Прогноз в регрессии Кокса

38

Я делаю многомерную регрессию Кокса, у меня есть значимые независимые переменные и бета-значения. Модель очень хорошо вписывается в мои данные.

Теперь я хотел бы использовать мою модель и прогнозировать выживание нового наблюдения. Мне неясно, как это сделать с моделью Кокса. В линейной или логистической регрессии было бы легко, просто поместите значения нового наблюдения в регрессию и умножьте их на бета-версии, и поэтому у меня есть прогноз моего результата.

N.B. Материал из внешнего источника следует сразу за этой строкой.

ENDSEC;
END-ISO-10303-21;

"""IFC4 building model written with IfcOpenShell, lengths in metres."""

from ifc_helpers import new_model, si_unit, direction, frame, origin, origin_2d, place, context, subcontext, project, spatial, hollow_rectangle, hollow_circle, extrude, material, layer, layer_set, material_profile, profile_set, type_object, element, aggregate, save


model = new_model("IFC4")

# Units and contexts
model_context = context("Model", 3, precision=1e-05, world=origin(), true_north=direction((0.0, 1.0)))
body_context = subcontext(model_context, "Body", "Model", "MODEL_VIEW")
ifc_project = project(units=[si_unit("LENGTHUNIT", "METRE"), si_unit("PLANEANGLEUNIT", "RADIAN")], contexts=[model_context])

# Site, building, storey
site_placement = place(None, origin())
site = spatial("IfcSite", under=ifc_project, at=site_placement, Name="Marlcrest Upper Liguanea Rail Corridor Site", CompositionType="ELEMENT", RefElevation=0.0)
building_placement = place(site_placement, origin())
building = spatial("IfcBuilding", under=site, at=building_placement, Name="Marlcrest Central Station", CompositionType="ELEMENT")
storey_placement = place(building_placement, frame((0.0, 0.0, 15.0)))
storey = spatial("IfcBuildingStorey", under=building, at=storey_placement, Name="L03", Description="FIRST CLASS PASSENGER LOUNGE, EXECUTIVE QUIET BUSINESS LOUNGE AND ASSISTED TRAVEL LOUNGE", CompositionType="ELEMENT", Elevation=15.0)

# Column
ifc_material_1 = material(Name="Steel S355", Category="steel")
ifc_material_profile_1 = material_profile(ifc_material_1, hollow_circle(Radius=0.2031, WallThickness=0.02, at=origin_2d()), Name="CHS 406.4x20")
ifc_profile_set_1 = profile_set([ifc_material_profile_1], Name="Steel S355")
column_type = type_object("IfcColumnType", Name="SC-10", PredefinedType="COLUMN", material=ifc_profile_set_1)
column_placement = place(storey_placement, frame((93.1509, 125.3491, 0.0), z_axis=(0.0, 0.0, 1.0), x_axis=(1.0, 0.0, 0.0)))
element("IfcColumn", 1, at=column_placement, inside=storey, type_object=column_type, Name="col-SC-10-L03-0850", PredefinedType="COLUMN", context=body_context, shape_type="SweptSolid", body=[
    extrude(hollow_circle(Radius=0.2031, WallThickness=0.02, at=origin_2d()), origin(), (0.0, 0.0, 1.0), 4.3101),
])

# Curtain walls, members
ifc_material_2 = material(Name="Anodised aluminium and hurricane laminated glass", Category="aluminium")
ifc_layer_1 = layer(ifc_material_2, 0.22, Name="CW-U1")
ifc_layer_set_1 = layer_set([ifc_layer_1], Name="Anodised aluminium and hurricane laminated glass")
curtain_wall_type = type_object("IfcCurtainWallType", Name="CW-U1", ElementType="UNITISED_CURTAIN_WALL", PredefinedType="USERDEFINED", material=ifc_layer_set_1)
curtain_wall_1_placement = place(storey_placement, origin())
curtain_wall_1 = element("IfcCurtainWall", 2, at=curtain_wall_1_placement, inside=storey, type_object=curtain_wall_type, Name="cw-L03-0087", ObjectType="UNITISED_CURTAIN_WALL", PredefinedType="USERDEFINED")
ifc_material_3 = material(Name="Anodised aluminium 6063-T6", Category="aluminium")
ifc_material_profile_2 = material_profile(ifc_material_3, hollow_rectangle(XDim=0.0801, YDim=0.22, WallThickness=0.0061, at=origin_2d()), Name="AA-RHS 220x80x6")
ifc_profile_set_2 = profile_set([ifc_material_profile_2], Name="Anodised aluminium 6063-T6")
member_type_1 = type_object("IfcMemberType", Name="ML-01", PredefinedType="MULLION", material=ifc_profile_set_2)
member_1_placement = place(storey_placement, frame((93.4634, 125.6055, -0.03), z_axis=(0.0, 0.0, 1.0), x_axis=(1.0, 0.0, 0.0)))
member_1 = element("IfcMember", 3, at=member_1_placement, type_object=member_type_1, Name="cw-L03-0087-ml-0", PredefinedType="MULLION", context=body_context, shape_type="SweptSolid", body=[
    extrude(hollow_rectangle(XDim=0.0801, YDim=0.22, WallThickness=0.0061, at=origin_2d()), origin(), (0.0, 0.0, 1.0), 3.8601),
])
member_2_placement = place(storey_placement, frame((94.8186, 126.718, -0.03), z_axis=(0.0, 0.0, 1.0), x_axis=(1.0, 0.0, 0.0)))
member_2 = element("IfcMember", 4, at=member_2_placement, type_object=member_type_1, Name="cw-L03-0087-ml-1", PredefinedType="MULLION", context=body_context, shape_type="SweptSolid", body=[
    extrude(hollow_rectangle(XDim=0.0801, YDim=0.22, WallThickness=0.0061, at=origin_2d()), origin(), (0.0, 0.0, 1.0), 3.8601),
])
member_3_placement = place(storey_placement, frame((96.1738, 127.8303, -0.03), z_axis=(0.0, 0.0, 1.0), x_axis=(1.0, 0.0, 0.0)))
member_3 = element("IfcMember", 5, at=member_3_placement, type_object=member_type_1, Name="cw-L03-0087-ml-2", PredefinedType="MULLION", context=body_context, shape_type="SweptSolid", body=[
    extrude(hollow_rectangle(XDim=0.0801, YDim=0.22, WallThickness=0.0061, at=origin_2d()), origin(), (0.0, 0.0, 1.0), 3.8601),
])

Как я могу определить мою базовую опасность? Мне это нужно в дополнение к вычислению прогноза.

Как это делается в модели Кокса?

Марью
источник

Ответы:

30

Следуя модели Кокса, предполагаемая опасность для индивидуума с ковариатным вектором имеет вид где определяется путем максимизации частичной вероятности, тогда как следует из оценки Нельсона-Аалена, с , различными временами события и числом смертей в (см., например, раздел 3.6 ).х я ч я ( т ) = ч 0 ( т ) ехр ( х ' я β ) , β ч 0 ч 0 ( т я ) = d яixi

h^i(t)=h^0(t)exp(xiβ^),
β^h^0 т1т2,...dятя
h^0(ti)=dij:tjtiexp(xjβ^)
t1t2,diti

Аналогично, с и S 0(т)=ехр( - Л 0(т)) Л 0(т)=ЕJ:тJт ч 0(тJ).

S^i(t)=S^0(t)exp(xiβ^)
S^0(t)=exp(Λ^0(t))
Λ^0(t)=j:tjth^0(tj).

РЕДАКТИРОВАТЬ: Это также может представлять интерес :-)

ocram
источник
1
Это как раз мой вопрос ... Мне нужна оценка базовой функции риска, чтобы иметь возможность сделать прогноз, верно? Знаете ли вы какой-нибудь метод для его оценки?
Марья
2
@ Марьян, складной нож может неправильно отражать неопределенность, вызванную выбором переменной. Начальная загрузка правильно показывает больше изменчивости, в которой переменные помечены как «значимые». Если вы хотите провести «относительную валидацию», вы можете показать, что прогностическая дискриминация хороша после корректировки на переоснащение. Это не требует работы с базовой опасностью, но проверяет относительные оценки опасности в журнале. validateФункция в R rmsпакет в сочетании с cphфункцией будет делать. Единственный пошаговый алгоритм, реализованный в, validate- это обратное понижение.
Фрэнк Харрелл
1
Получение предсказанных относительных опасностей (т. Е. Линейного предиктора) довольно просто. Но я перестал использовать SAS в 1991 году.
Фрэнк Харрелл,
8
Ссылка оборвалась :-(.
gung - Восстановить Монику
2
Есть ли способ предсказать время выживания T для конкретного человека? Я имею в виду, что, учитывая список значений для ковариат, как определить время, после которого человек, скорее всего, умрет?
statBeginner
14

Функция predictSurvProbв pecпакете может дать вам оценки абсолютного риска для новых данных на основе существующей модели Кокса, если вы используете R.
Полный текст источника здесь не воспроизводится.